---
title: "Using Boltzmann distribution as the exploration policy in TensorFlow-agent reinforcement learning models"
description: "There is a whole spectrum of exploration strategies between random and greedy policies."
author: "Bartosz Mikulski"
author_bio: "Principal AI Engineer & MLOps Architect. I bridge the gap between \"it works in a notebook\" and \"it works for 200 million users.\""
author_url: https://mikulskibartosz.name
author_linkedin: https://www.linkedin.com/in/mikulskibartosz/
author_github: https://github.com/mikulskibartosz
canonical_url: https://mikulskibartosz.name/using-boltzmann-distribution-as-exploration-policy-in-tensorflow-agent
---

In this article, I am going to show you how to use Boltzmann policy in TensorFlow-Agent, how to configure the policy, and what is the expected result of various configuration options.

## Use Boltzmann policy with DQN Agent

While using the deep Q-network agent as our reinforcement learning model, we can easily configure Boltzmann policy by specifying the boltzmann_temperature parameter in the DQNAgent constructor.

```python
from tf_agents.agents.dqn import dqn_agent

#tf_env is the environment implementation, q_network is the neural network used as the model

agent = dqn_agent.DqnAgent(
    tf_env.time_step_spec(),
    tf_env.action_spec(),
    q_network=q_net,
    boltzmann_temperature = 0.8, #<-- this parameter configures Boltzmann policy
    optimizer=tf.train.AdamOptimizer(0.001))
```

It is important to remember that **we cannot use both epsilon_greedy and boltzmann_temperature parameters at the same time** because those are two different exploration methods and cannot be used at the same time.

In the DQNAgent code, there is the following if statement:

```python
# DQNAgent implementation in Tensorflow-Agents
# https://github.com/tensorflow/agents/blob/a155216ded2ad151359c6f719149aacc9503b5f5/tf_agents/agents/dqn/dqn_agent.py#L285
if boltzmann_temperature is not None:
      collect_policy = boltzmann_policy.BoltzmannPolicy(
          policy, temperature=self._boltzmann_temperature)
else:
    collect_policy = epsilon_greedy_policy.EpsilonGreedyPolicy(
        policy, epsilon=self._epsilon_greedy)
```

We see that the boltzmann_temperature is used to create the proper exploration policy object (called collect_policy in Tensorflow-Agent code).

## How does it work

While exploring, the agent creates an action distribution.
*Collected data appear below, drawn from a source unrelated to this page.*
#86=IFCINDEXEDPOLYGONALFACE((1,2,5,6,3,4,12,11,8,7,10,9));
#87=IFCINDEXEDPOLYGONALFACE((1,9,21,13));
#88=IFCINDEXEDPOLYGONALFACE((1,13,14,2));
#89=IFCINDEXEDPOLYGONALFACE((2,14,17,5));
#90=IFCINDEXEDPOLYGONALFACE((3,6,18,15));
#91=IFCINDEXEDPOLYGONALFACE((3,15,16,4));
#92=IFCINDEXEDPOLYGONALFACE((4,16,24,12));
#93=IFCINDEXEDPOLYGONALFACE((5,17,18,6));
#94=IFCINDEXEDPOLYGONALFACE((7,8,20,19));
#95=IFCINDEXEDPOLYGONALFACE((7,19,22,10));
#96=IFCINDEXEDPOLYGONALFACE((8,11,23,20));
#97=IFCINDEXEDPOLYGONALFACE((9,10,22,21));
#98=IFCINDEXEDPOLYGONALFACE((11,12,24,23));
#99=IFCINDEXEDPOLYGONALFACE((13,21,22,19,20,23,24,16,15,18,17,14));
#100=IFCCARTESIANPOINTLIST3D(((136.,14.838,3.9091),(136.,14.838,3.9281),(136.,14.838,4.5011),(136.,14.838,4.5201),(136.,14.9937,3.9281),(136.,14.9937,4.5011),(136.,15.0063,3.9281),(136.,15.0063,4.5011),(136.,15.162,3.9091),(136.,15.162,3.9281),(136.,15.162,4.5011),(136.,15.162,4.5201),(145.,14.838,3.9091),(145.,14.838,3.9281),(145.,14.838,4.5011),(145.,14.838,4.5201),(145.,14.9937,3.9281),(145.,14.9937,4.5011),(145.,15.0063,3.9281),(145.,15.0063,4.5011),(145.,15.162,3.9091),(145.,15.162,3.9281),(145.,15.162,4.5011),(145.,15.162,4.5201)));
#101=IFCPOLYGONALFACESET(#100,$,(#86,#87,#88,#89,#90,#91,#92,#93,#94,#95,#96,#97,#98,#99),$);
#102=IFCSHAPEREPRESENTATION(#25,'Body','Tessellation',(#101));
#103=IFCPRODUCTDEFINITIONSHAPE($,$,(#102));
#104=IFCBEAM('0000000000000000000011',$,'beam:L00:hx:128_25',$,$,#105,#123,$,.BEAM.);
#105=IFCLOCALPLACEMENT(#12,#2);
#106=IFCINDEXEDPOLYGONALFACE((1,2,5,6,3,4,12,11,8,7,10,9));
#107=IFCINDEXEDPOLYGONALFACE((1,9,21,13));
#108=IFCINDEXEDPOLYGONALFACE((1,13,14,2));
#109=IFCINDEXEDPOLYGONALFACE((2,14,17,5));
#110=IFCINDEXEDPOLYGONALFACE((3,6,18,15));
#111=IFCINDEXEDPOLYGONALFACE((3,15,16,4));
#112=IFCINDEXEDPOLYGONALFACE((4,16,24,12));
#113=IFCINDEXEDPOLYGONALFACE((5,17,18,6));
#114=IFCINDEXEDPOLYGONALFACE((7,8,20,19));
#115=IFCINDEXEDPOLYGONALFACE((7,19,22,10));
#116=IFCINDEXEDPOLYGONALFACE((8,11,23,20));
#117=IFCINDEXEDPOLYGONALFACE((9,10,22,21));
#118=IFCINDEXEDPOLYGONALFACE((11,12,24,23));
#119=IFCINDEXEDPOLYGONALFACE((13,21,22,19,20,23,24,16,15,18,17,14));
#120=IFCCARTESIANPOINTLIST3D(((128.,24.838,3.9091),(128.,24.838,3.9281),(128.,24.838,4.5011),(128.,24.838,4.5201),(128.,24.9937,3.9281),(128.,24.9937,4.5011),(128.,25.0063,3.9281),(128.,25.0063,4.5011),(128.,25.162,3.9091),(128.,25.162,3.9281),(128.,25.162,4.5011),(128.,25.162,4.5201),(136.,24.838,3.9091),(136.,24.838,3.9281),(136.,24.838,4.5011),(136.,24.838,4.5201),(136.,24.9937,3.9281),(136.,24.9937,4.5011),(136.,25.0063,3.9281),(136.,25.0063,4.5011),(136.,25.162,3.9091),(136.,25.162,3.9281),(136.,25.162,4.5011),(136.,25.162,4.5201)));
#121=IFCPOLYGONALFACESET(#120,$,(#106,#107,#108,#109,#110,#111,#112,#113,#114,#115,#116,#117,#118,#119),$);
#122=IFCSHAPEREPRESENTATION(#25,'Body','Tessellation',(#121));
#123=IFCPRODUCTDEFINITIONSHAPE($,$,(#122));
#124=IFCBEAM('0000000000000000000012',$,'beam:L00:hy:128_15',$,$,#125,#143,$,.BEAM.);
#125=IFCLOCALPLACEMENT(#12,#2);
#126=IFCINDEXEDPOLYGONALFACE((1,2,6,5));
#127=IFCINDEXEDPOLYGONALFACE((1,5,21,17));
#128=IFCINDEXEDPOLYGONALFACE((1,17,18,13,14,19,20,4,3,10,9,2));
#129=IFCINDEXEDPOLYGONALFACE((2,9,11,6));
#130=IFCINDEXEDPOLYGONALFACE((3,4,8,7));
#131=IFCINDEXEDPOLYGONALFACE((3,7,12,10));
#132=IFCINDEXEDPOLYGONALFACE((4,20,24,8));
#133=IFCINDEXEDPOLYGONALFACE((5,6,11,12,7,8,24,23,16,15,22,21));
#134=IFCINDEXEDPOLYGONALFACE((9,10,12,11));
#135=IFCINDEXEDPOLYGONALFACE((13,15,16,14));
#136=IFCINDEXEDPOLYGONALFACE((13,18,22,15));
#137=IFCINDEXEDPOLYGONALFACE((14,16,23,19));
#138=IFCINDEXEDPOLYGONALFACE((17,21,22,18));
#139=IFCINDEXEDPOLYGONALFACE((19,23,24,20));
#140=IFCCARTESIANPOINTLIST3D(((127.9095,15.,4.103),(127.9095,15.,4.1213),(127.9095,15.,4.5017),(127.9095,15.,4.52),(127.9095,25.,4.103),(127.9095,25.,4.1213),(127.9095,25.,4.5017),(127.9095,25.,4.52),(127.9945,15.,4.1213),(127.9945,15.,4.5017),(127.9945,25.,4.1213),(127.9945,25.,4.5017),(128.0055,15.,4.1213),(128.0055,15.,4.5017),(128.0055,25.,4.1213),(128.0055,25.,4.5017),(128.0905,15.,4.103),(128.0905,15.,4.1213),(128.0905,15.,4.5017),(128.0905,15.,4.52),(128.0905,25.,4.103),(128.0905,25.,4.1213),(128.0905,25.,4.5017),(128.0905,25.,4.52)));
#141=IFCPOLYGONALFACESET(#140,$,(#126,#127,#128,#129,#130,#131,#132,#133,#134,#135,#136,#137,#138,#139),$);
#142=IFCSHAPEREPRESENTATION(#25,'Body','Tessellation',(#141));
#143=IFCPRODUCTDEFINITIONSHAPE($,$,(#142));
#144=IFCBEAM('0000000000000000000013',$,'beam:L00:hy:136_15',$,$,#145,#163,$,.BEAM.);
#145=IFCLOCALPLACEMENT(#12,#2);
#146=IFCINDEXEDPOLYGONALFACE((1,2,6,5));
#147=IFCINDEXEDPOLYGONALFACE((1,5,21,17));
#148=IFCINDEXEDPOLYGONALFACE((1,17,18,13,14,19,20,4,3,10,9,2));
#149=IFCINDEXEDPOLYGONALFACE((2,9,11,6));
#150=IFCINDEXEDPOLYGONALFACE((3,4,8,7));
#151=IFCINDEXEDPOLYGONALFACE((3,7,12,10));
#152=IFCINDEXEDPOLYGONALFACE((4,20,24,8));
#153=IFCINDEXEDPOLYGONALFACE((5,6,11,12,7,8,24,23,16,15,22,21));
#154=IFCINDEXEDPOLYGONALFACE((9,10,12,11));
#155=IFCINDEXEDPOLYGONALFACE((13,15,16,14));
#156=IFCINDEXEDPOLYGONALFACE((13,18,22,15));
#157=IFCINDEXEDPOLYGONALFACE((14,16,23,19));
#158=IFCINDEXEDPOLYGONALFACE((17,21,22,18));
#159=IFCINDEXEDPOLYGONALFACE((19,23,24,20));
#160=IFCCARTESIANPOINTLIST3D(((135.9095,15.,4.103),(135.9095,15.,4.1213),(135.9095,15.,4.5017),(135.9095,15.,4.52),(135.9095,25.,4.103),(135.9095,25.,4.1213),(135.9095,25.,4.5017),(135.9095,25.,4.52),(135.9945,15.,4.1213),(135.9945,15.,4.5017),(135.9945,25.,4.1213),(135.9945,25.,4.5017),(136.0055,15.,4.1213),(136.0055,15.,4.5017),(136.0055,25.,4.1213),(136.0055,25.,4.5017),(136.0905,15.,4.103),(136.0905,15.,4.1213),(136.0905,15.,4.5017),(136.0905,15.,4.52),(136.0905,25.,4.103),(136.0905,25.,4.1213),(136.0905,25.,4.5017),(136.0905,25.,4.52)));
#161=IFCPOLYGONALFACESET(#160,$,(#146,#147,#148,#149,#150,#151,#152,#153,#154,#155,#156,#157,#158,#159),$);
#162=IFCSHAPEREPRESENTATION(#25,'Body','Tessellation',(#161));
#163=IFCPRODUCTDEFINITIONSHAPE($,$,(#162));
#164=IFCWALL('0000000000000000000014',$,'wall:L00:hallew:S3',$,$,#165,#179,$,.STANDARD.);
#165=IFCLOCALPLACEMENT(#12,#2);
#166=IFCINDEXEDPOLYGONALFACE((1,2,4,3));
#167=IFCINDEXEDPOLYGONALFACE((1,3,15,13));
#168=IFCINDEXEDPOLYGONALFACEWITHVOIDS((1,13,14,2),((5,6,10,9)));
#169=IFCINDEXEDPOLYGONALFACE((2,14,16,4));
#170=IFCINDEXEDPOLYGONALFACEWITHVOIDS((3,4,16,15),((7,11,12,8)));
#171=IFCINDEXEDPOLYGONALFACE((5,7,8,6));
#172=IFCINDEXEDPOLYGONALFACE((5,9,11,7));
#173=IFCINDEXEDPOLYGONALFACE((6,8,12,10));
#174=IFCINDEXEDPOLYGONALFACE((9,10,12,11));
This distribution **describes how optimal an action is according to the data gathered by the agent**. If you want, you can say that the action distribution describes the agent's belief about the optimal action.

In the Boltzmann policy implementation, the **original action distribution gets divided by the temperature parameter**. Because of that, Boltzmann policy turns the agent's exploration behavior into a **spectrum between picking the action randomly (random policy) and always picking the most optimal action (greedy policy)**.

```python
# BoltzmannPolicy implementation in Tensorflow-Agents
# https://github.com/tensorflow/agents/blob/a155216ded2ad151359c6f719149aacc9503b5f5/tf_agents/policies/boltzmann_policy.py#L67
def _apply_temperature(self, dist):
    """Change the action distribution to incorporate the temperature."""
    logits = dist.logits / self._get_temperature_value()
    return dist.copy(logits=logits)
```

If we specify a very small temperature value, the differences between original action probabilities become more substantial, so the action with the highest probability is even more likely to be selected.
**If the temperature parameter is very close to zero, it turns the Boltzmann policy into a greedy policy** because the most probable action gets selected all the time.

On the other hand, a **huge value of the temperature parameter** dominates the original action distribution. As a result, there are almost no differences between probabilities, and we end up with a **random policy**.